Guy Burgess is "a New Zealand lawyer, software developer, consultant, CEO of LawFlow, and feijoa farmer" as well as a chatty fellow on Twitter. He's written about our data haven concept from the all-important legal perspective.
TUANZ CEO Paul Brislen has written a thought-provoking article on the prospects of turning New Zealand into a data haven. There’s a lot going for the idea, but as Paul notes, there are a couple of stumbling blocks, one of which is the legal situation:
The final problem then, is the legal situation. We would need to become the neutral ground, the data Switzerland if we’re to gain their trust. Publicly adhered to rules regarding data collection and retention. Privacy built in, access only under the strictest conditions.
It would indeed require some law changes to become a “data Switzerland” where, as Paul envisages, “we treat bits as bits and that’s that”, and don’t allow the Armed Offenders Squad to swoop in with helicopters if someone uploads the latest series of Mad Men.

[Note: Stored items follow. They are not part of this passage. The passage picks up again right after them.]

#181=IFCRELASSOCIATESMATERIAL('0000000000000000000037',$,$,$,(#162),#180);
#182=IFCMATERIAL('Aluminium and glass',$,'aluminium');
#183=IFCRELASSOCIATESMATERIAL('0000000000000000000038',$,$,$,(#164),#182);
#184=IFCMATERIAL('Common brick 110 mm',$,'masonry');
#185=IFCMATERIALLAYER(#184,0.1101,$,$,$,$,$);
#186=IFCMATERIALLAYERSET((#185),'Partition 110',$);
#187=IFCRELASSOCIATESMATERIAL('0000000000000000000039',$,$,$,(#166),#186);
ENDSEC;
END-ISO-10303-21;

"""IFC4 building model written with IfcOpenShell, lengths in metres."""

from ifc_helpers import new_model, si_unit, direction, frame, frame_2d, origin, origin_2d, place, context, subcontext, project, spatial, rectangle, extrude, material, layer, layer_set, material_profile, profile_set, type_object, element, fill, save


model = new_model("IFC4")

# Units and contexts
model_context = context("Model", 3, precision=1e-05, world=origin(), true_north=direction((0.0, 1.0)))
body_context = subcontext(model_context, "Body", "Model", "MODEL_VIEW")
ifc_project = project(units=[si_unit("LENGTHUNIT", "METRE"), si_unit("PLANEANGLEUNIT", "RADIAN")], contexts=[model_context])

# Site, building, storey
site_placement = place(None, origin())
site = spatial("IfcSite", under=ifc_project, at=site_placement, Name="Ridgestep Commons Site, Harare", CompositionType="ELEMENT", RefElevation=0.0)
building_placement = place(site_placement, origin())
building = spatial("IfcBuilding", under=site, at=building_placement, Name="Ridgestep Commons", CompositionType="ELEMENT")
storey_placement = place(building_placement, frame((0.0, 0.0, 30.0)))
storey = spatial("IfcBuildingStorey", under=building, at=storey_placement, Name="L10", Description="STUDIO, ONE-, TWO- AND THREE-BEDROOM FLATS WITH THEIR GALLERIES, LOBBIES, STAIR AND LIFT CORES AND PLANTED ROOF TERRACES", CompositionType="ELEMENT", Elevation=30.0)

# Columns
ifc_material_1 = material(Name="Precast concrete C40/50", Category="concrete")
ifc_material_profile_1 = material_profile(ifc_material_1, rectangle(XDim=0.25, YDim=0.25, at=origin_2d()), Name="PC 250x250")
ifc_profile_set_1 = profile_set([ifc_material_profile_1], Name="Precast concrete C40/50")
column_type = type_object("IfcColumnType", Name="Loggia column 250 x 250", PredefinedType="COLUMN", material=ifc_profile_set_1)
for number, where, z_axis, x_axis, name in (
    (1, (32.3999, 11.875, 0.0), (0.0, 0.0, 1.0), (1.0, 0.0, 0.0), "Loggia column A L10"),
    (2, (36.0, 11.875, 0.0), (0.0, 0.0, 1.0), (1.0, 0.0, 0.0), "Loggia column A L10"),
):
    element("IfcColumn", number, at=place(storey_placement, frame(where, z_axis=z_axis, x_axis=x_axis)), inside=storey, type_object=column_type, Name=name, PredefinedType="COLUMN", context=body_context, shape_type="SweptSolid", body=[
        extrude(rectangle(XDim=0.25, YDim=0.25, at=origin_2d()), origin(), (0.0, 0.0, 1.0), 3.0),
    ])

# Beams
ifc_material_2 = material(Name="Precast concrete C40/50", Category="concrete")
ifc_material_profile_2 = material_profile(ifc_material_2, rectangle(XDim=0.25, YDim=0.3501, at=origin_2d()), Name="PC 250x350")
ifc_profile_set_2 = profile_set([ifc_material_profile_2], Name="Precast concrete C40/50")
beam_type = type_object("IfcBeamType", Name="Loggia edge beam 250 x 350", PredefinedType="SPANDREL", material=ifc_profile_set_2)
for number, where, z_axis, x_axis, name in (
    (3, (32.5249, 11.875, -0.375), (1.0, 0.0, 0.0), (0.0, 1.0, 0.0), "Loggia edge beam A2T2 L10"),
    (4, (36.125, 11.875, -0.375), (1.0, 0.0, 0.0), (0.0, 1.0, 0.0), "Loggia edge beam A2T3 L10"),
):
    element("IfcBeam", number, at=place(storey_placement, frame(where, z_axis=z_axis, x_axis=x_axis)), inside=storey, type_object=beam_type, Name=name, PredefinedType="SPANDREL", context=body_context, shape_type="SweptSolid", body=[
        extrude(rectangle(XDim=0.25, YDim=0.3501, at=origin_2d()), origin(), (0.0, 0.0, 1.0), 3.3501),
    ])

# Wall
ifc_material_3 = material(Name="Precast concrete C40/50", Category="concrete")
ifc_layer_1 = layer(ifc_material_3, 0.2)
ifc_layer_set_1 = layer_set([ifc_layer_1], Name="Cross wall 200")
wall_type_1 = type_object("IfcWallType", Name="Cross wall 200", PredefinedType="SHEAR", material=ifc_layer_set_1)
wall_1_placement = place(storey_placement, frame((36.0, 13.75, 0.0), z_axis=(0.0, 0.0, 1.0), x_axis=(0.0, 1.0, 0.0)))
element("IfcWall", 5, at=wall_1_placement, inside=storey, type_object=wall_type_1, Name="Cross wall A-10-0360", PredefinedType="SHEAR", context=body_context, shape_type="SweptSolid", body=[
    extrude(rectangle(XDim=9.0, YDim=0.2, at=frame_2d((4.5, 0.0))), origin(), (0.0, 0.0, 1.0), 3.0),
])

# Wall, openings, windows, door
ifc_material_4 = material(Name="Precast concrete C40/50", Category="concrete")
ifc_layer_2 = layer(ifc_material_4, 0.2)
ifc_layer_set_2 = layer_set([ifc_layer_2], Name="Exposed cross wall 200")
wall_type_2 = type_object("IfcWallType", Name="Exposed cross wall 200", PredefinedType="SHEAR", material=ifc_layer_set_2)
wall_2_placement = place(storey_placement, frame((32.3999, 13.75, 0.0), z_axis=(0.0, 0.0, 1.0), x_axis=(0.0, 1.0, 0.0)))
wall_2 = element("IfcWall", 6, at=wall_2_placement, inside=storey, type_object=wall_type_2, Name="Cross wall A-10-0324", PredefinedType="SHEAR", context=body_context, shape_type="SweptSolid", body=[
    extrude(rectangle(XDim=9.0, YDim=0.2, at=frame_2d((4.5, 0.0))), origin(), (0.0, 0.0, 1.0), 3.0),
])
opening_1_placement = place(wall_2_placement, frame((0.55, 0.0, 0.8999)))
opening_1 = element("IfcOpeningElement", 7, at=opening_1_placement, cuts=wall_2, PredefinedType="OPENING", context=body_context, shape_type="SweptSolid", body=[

Exactly what those laws would be is a huge kettle of fish: privacy rights, intellectual property rights, safe-harbour provisions, search-and-seizure, criminal and civil procedure, etc. But putting aside the content of those laws (and their desirability), it is worth noting that New Zealand is in a somewhat disadvantageous situation in one respect vis-a-vis most other countries. Whilst New Zealand ranks as one of the most politically stable, corruption-free, and rule-of-law-abiding countries – ideal attributes for a data haven – we are in the very rare category of countries that are both:
- Unicameral, unlike Australia, the UK, the US, Canada, most of the EU, Japan, India, and others; and
- More importantly, have no written constitution that entrenches rights, limits Government power, and can strike down non-compliant laws. Only a handful of countries (notably including the UK) are in this category (and this is putting aside Treaty of Waitangi complications).

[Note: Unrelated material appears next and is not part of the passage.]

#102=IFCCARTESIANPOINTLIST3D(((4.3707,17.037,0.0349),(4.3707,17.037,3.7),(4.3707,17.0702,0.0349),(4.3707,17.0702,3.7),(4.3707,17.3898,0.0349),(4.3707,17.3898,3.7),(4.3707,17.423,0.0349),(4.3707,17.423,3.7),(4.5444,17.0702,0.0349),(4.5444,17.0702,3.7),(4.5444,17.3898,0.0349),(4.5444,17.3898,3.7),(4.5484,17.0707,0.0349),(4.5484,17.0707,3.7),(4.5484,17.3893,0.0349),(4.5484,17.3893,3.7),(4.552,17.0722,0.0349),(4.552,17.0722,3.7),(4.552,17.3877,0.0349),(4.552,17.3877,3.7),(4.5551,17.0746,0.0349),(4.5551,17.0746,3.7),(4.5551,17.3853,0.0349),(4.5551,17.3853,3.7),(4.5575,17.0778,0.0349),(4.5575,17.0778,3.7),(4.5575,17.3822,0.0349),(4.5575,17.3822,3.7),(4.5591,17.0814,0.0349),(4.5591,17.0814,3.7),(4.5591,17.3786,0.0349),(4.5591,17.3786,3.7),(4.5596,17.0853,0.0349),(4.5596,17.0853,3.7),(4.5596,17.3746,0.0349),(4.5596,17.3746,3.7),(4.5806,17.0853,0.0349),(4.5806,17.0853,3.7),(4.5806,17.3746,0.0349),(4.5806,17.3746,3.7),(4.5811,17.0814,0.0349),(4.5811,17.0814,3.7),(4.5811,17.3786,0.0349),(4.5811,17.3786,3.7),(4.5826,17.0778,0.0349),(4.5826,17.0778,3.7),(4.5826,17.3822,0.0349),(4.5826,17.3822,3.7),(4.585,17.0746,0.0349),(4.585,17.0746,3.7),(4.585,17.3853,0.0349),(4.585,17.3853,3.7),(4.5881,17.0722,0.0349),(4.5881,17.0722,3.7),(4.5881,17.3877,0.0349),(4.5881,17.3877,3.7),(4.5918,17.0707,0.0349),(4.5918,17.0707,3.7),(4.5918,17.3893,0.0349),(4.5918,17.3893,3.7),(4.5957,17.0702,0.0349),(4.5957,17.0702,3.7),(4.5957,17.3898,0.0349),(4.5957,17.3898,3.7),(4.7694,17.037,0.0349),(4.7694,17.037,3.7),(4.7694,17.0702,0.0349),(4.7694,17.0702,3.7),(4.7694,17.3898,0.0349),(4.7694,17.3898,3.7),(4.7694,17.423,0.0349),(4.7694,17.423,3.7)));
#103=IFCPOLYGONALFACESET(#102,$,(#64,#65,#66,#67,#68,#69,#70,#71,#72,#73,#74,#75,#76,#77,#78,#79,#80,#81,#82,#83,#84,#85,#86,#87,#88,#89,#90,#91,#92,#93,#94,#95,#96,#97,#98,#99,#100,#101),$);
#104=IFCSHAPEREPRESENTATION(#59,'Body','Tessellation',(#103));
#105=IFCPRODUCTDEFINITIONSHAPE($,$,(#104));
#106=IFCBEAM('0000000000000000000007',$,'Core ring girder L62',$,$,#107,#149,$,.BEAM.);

By my quick reckoning, the only other country with both of the above attributes is Israel.
What this means for us, as Sir Geoffrey Palmer wrote many years ago, is that whoever is the current Government of the day has unbridled power. Theoretically, there are little if any limits on what can be passed into law – all it takes is a 1-vote majority in the House of Representatives. This includes major constitutional change and retrospective law. For example, in the past decade-and-a-bit we have seen a Government change New Zealand’s highest Court from the Privy Council to a new domestic Supreme Court on anarrow majority, and retrospectively amend the law (also on a slim majority) to keep a Minister in Parliament – both things that may may well have faced constitutional challenge in other countries, but here were able to be effected with the same legislative ease as amending the Dog Control Act.
What’s this got to do with becoming a data haven? Well, it means that we cannot give the highest level of assurance that a future Government won’t do certain things that might undermine our data haven credentials.
For example, being a true data haven would presumably mean strong freedom of speech laws. You would want a reasonable assurance that a data centre would not be forced to hand over or delete data due to hate speech laws (present or future), except perhaps in the very strongest cases. New Zealand does have its peculiar Bill of Rights Act covering matters such as free speech, but this does not limit parliamentary power – in fact, Parliament regularly tramples various provisions of the Bill of Rights Act, with the only requirement for doing so being that the Attorney-General must inform the house. Nor does it prevail over inconsistent Acts: if another Act removes or abrogates a right, then the Bill of Rights Act doesn’t change that. So Parliament could potentially pass a law, on the slimmest of margins, that limits freedom of speech. This is not as far-fetched as one might think in an “open and free” democracy: the process is well advanced in the UK, where people face arrest and criminal prosecution for making statements considered by the authorities to be “insulting” (such as calling a police horse “gay”). Could this extend to limiting free speech (or content) hosted in data centres? There is nothing that says it can’t, or won’t.
Compare this with the US, where most of the internet’s infrastructure, governance and data centres are located. The federal Consitution provides the highest protection possible against Government limitation of free speech. Now this obviously does not (and is not intended to) stop situations like a US federal agency shutting down Megaupload and seizing data, in that case partly on the basis of alleged intellectual property infringement. But at least the limits on what the US Government can do are constitutionally defined and proscribed.
This issue is obviously much broader than data centres, but it does highlight the question: is it acceptable, in the information age, for there to be no effective limits on Government power over our information?